A quasi-Grassmannian gradient flow model for eigenvalue problems

TL;DR

This paper introduces a quasi-Grassmannian gradient flow model for eigenvalue problems that naturally ensures orthogonality, converges exponentially, and improves robustness without explicit orthogonalization.

Contribution

The paper presents a novel gradient flow model that inherently maintains orthogonality and guarantees exponential convergence for eigenvalue problems.

Findings

Model ensures asymptotic orthogonality without initial orthogonality.

Solutions converge exponentially to eigenvalues and eigenvectors.

Enhanced robustness compared to traditional methods.

Abstract

We propose a quasi-Grassmannian gradient flow model for eigenvalue problems of linear operators, aiming to efficiently address many eigenpairs.
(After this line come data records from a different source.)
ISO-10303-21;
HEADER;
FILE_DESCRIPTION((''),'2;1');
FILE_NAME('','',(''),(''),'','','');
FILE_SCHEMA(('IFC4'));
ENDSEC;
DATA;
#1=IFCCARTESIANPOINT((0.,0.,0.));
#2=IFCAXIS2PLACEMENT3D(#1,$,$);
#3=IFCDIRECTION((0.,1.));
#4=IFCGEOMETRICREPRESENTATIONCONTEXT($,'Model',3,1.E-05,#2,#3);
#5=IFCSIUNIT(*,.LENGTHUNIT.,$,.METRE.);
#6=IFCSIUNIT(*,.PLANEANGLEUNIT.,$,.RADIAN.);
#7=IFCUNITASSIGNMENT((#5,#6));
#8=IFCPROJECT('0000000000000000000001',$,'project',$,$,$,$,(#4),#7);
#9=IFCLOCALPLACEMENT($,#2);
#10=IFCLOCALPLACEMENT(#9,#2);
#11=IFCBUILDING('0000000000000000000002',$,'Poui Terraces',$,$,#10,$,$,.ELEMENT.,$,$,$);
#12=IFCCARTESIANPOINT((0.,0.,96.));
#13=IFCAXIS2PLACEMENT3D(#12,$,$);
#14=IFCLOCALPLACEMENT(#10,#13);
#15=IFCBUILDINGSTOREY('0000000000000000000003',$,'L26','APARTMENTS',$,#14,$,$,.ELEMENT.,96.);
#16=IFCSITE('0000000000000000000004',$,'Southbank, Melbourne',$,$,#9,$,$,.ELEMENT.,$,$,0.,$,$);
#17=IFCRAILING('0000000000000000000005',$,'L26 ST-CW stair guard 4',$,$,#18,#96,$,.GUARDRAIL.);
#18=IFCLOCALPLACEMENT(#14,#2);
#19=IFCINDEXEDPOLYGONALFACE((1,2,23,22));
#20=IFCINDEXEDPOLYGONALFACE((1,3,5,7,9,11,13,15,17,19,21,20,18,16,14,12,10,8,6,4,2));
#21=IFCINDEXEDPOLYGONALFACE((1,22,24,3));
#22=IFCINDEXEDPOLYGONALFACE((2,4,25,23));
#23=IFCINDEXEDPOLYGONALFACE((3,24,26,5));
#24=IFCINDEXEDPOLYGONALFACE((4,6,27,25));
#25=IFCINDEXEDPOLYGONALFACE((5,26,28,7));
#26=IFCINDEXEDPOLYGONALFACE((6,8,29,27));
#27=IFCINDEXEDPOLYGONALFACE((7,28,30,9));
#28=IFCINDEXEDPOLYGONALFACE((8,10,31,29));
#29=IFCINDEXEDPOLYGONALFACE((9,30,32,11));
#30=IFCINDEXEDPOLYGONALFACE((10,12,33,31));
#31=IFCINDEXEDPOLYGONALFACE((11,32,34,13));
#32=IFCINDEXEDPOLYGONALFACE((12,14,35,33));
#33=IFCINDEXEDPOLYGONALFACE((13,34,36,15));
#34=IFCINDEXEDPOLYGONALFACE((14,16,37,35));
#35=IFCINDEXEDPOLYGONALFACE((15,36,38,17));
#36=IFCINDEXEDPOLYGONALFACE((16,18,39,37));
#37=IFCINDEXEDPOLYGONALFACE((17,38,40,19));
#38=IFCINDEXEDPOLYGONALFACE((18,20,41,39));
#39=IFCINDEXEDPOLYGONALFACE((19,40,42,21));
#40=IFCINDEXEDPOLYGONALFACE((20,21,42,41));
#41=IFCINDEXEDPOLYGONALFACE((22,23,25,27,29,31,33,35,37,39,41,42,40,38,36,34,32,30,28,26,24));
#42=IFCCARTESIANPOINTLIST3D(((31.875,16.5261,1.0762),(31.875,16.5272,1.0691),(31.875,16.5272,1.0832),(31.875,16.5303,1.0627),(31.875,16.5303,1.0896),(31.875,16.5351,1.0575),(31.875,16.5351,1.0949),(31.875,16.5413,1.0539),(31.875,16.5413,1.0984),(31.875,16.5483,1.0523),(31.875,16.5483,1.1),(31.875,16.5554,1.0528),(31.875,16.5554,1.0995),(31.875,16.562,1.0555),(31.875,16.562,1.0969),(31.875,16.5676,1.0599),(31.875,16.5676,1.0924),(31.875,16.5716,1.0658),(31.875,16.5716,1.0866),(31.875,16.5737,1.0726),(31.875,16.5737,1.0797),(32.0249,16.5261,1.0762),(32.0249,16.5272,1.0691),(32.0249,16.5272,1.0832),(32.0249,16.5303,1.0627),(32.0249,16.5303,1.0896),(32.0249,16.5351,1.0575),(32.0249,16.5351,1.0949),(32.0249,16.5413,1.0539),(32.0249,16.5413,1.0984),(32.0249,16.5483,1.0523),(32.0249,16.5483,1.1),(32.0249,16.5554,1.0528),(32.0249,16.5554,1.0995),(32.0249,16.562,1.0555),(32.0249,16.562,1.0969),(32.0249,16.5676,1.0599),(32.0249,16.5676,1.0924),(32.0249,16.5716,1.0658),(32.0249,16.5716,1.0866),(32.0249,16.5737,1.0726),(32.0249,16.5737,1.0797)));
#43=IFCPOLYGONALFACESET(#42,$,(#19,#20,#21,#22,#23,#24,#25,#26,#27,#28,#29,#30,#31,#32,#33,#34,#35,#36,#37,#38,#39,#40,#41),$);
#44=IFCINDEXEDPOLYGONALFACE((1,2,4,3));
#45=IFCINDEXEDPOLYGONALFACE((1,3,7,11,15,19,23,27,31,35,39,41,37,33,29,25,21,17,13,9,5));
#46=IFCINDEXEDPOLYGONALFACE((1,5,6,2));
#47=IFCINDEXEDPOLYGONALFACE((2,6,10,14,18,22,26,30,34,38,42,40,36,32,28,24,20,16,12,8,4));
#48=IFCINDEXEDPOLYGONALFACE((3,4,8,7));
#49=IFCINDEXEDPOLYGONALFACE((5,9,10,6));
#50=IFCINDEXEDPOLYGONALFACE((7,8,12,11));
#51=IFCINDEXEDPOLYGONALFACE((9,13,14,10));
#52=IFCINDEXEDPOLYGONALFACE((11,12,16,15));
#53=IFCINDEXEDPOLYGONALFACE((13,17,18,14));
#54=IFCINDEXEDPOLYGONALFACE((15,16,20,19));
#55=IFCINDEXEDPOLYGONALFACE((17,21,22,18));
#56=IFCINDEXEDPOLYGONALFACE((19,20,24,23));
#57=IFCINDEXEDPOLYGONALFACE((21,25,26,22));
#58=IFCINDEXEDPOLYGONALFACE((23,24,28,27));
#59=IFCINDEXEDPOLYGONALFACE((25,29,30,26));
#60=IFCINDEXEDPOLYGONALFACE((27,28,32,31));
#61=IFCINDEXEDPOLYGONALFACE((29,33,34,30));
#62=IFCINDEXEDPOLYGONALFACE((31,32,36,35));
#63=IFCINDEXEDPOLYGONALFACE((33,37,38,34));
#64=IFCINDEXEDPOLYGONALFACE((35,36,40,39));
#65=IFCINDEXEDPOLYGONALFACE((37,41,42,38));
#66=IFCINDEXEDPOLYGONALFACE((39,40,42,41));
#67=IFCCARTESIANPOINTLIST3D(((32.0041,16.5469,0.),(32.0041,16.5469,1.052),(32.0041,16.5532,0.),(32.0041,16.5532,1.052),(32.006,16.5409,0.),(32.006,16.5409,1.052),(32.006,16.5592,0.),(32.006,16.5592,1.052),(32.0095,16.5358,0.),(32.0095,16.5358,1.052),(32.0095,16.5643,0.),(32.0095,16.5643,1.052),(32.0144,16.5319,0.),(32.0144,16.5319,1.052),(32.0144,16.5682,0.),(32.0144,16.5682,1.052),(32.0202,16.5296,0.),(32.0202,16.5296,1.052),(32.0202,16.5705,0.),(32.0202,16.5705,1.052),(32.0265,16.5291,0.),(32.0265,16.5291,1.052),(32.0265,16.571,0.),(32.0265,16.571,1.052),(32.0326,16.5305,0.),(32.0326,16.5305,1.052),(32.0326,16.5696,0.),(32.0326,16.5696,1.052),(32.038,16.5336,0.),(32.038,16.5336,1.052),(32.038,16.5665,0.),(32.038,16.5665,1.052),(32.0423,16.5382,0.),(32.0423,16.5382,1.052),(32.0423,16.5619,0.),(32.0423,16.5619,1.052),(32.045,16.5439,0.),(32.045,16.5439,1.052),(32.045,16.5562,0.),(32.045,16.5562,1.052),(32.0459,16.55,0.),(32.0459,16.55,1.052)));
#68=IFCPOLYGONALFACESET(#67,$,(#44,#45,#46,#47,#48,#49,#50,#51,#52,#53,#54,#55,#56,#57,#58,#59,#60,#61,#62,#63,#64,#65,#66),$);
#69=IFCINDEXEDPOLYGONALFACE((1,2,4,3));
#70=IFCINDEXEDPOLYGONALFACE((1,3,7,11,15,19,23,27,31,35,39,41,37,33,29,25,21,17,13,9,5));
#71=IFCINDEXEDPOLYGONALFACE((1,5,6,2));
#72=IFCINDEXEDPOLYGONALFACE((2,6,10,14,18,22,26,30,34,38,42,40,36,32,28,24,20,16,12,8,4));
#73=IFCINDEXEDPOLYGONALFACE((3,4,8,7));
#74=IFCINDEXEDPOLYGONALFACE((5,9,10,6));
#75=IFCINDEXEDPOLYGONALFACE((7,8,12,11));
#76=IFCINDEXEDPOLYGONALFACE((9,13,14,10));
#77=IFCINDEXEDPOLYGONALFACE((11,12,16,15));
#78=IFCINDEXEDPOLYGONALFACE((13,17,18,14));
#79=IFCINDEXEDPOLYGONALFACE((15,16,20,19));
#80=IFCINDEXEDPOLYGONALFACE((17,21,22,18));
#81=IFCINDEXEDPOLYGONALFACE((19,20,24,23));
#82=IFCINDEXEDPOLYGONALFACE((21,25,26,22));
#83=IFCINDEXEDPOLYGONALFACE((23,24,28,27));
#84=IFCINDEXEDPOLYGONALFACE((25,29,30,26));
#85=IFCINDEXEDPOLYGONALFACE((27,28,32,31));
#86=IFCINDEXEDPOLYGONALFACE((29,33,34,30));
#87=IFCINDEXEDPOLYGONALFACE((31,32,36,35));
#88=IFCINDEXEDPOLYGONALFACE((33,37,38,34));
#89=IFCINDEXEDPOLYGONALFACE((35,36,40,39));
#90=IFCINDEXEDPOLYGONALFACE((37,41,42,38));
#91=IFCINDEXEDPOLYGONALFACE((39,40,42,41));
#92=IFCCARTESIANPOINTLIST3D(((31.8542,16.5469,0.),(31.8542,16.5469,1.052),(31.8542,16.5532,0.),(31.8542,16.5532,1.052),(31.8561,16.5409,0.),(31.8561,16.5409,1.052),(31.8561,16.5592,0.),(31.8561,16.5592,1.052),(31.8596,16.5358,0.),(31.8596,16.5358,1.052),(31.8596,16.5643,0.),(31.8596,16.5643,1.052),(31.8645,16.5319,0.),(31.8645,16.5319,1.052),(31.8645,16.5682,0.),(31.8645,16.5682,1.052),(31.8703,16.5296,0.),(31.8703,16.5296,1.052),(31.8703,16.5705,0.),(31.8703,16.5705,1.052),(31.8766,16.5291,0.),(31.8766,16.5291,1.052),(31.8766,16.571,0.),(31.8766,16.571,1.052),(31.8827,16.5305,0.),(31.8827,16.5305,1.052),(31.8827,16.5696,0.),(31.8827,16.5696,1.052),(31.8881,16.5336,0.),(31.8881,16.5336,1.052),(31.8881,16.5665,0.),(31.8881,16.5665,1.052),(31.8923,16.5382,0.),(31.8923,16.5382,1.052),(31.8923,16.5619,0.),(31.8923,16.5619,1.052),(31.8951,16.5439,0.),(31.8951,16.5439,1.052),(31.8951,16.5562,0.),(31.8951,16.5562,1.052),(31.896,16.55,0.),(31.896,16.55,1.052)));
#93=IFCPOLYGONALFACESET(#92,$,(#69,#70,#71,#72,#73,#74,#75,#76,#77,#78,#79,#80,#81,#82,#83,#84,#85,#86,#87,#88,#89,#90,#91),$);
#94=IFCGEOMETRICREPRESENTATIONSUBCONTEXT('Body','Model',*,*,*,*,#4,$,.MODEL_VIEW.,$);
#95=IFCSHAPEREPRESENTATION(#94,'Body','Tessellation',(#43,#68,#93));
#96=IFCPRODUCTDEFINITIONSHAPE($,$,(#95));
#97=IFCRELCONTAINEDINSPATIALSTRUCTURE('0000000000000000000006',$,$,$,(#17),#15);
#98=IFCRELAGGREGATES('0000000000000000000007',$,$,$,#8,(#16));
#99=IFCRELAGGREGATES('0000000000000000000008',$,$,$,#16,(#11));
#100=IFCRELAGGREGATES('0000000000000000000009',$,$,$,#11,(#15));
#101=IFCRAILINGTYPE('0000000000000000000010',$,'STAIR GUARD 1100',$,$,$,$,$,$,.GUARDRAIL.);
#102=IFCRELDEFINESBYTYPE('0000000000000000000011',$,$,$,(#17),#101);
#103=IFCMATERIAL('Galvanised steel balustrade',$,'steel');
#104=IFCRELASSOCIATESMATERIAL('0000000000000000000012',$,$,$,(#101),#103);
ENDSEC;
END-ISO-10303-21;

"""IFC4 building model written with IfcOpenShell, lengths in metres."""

from ifc_helpers import new_model, si_unit, direction, frame, origin, origin_2d, place, context, subcontext, project, spatial, circle, extrude, material, type_object, element, save


model = new_model("IFC4")

# Units and contexts
model_context = context("Model", 3, precision=1e-05, world=origin(), true_north=direction((0.0, 1.0)))
body_context = subcontext(model_context, "Body", "Model", "MODEL_VIEW")
ifc_project = project(units=[si_unit("LENGTHUNIT", "METRE"), si_unit("PLANEANGLEUNIT", "RADIAN")], contexts=[model_context])

# Site, building, storey
site_placement = place(None, origin())
site = spatial("IfcSite", under=ifc_project, at=site_placement, Name="Southbank, Melbourne", CompositionType="ELEMENT", RefElevation=0.0)
building_placement = place(site_placement, origin())
building = spatial("IfcBuilding", under=site, at=building_placement, Name="Poui Terraces", CompositionType="ELEMENT")
storey_placement = place(building_placement, frame((0.0, 0.0, 96.0)))
storey = spatial("IfcBuildingStorey", under=building, at=storey_placement, Name="L26", Description="APARTMENTS", CompositionType="ELEMENT", Elevation=96.0)

# Railing
ifc_material_1 = material(Name="Galvanised steel balustrade", Category="steel")
railing_type_1 = type_object("IfcRailingType", Name="STAIR GUARD 1100", PredefinedType="GUARDRAIL", material=ifc_material_1)
railing_1_placement = place(storey_placement, frame((32.0249, 16.55, 0.0)))
element("IfcRailing", 1, at=railing_1_placement, inside=storey, type_object=railing_type_1, Name="L26 ST-CW stair guard 4", PredefinedType="GUARDRAIL", context=body_context, shape_type="SweptSolid", body=[
    extrude(circle(Radius=0.0239, at=origin_2d()), frame((0.0, 0.0, 1.0762), z_axis=(-1.0, 0.0, 0.0), x_axis=(0.0, -1.0, 0.0)), (0.0, 0.0, 1.0), 0.1499),
    extrude(circle(Radius=0.021, at=origin_2d()), origin(), (0.0, 0.0, 1.0), 1.052),
    extrude(circle(Radius=0.021, at=origin_2d()), frame((-0.1499, 0.0, 0.0)), (0.0, 0.0, 1.0), 1.052),
])

save(model, "model.ifc")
Our model inherently ensures asymptotic orthogonality: without the need for initial orthogonality, the solution naturally evolves toward being orthogonal over time. We establish the well-posedness of the model, and provide the analytical representation of solutions. Through asymptotic analysis, we show that the gradient converges exponentially to zero and that the energy decreases exponentially to its minimum. This implies that the solution of the quasi-Grassmannian gradient flow model converges to the solution of the eigenvalue problems as time progresses. These properties not only eliminate the need for explicit orthogonalization in numerical computation but also significantly enhance robustness of the model, rendering it far more resilient to numerical perturbations than conventional methods.